This topic was inspired by one of the examples in my session: Prep Your Data for Analytics with R & Power BI.
This first post will review building a query to transform a data set and prepare it for analytics and visualization. The second post will cover how to convert this query into a function that can be applied on multiple data sets of the same structure.
I began by connecting to the data source. I wanted to extract a data set from the Wikipedia page containing a list of urban forward sortation areas in British Columbia.
I navigated to the first element on the web page. This contained a table with information about urban forward sortation areas.
The table was structured in a matrix format. There were multiple columns containing the same information about FSAs and their related locations.
This needed to be tidied up so that all of the information of one type was contained within one column. The method I used to achieve this was to unpivot the data. This would combine multiple columns of data into one that contained all of the information needed for analysis.
The first step was to create an index column.
Then all of the other columns in the table were unpivoted.
This transformed the table, resulting in three columns:
- an index column
- a column containing the previous column headers
- a column containing all of the data that was previously spread out
The first two columns were no longer needed for the rest of the analysis, so they were removed.
This left one column containing the FSA and the corresponding descriptive information.
The table of one column needed to be split back into multiple columns. The first pattern I noticed was how every row started with the three character FSA and was followed immediately by the city in which it is located.
This made the initial split straight forward, as the column can be split after the first three characters.
This split resulted in a table with two columns:
- FSA
- Location information
Things were starting to look pretty good!

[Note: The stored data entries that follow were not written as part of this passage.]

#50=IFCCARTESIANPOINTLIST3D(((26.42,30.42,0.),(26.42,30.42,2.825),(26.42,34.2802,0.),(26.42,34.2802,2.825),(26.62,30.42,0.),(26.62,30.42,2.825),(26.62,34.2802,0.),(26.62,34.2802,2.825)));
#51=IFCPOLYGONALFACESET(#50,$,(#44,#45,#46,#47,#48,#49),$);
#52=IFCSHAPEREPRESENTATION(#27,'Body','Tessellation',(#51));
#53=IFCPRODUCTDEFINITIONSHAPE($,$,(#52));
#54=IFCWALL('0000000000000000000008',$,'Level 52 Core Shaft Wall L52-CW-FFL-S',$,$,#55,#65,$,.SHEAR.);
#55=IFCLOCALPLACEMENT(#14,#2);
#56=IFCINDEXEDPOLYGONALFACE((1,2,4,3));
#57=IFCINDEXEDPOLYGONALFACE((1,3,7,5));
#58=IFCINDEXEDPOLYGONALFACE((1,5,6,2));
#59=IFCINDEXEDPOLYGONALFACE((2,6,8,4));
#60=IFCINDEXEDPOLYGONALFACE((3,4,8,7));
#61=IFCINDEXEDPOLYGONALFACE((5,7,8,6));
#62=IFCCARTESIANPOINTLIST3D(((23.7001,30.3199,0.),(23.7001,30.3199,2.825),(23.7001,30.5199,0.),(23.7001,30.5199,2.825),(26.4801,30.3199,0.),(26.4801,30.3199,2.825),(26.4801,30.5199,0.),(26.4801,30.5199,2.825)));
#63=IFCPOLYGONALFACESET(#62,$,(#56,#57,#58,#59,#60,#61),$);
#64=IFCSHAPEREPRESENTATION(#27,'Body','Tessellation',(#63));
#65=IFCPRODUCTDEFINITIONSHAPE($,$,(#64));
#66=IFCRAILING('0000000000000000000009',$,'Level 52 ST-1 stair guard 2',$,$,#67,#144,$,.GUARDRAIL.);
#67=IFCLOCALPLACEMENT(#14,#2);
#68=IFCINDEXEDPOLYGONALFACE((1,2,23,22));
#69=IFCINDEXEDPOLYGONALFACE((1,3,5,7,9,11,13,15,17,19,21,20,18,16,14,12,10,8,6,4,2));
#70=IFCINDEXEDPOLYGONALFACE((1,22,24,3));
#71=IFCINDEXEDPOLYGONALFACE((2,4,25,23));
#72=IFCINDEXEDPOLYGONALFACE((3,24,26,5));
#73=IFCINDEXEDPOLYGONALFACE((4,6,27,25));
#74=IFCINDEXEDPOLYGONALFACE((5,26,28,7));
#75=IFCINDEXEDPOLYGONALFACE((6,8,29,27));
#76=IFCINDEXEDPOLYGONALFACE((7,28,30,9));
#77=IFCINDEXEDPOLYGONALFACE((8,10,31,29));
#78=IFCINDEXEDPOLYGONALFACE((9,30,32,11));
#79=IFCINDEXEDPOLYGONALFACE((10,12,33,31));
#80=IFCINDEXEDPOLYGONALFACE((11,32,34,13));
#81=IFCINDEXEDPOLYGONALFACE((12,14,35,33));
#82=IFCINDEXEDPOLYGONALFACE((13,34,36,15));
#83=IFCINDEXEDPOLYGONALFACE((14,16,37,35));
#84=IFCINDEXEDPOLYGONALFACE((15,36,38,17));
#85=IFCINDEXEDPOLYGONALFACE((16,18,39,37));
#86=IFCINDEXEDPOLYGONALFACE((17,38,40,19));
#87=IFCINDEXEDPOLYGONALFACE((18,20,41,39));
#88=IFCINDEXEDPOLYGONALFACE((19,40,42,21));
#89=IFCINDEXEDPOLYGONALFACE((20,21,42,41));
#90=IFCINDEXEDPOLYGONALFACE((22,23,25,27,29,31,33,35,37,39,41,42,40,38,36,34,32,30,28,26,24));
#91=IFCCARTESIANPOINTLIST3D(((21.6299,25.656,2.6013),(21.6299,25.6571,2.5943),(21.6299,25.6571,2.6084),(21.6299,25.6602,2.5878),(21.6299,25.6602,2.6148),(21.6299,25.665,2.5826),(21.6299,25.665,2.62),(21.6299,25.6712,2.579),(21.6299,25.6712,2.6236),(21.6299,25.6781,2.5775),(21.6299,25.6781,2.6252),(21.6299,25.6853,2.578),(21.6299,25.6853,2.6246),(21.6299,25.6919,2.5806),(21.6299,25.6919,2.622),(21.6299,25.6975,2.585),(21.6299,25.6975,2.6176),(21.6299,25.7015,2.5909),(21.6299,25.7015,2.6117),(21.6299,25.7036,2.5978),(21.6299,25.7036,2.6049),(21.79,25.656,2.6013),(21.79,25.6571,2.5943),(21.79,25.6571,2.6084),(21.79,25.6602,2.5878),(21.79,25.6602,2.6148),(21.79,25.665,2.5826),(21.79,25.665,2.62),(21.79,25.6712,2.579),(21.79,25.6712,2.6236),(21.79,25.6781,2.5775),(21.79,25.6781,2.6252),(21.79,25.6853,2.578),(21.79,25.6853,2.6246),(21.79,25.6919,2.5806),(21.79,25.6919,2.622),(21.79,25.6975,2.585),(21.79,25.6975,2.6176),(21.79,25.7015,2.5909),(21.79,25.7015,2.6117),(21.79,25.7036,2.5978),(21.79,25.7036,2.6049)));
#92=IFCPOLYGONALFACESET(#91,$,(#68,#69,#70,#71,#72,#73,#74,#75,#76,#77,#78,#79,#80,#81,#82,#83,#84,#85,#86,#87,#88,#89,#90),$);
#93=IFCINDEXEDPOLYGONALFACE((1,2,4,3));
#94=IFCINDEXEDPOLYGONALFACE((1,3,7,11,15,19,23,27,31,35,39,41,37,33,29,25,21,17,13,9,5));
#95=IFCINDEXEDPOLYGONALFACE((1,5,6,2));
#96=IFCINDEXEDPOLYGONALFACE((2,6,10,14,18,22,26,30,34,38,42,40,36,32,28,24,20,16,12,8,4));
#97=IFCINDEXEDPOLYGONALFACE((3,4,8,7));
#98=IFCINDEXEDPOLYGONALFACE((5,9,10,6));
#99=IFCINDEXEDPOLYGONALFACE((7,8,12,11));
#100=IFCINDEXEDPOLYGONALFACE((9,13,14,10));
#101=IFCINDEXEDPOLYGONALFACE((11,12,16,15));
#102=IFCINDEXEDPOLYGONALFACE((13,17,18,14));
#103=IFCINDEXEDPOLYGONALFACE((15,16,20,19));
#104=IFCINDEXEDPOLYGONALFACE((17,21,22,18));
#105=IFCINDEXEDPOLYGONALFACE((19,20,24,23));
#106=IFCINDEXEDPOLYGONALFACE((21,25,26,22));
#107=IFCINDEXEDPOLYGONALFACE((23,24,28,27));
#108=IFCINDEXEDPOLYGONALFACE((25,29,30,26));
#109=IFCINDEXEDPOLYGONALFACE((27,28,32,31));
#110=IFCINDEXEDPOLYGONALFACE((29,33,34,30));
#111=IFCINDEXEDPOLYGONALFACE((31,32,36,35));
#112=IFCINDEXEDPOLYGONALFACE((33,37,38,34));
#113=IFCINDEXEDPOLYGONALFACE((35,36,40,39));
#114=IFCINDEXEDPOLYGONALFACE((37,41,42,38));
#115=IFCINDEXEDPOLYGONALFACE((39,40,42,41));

I noticed that some rows in the second column contained a city and other rows contained a city followed by additional location details. This column should be split, so that there is one clean column containing the city name and another column with any additional details.
I noticed a second pattern in the data. The additional details where often contained in parentheses. I extracted the information from between parentheses into its own column.
This was a good start, but some additional information still remained in the city column.
This is when I noticed a third pattern: I always wanted to split the text string where there was a camel case. This was due to =Text.Clean()
function earlier in the applied steps that removed line feeds from the contents of the column.
This split resulted in a table with four columns.
There were now two clean columns: FSA and city. The other two columns contained essentially the same information: additional location detail about the FSA.
To solve this, I merged the two columns using no separator.
This left me with the exact structure I was looking for. A table with three columns containing:
- FSA
- City
- Location within the city
My clean up was done! The next step is to convert this query into a function, so it can be applied to clean up data pertaining to other provinces in Canada.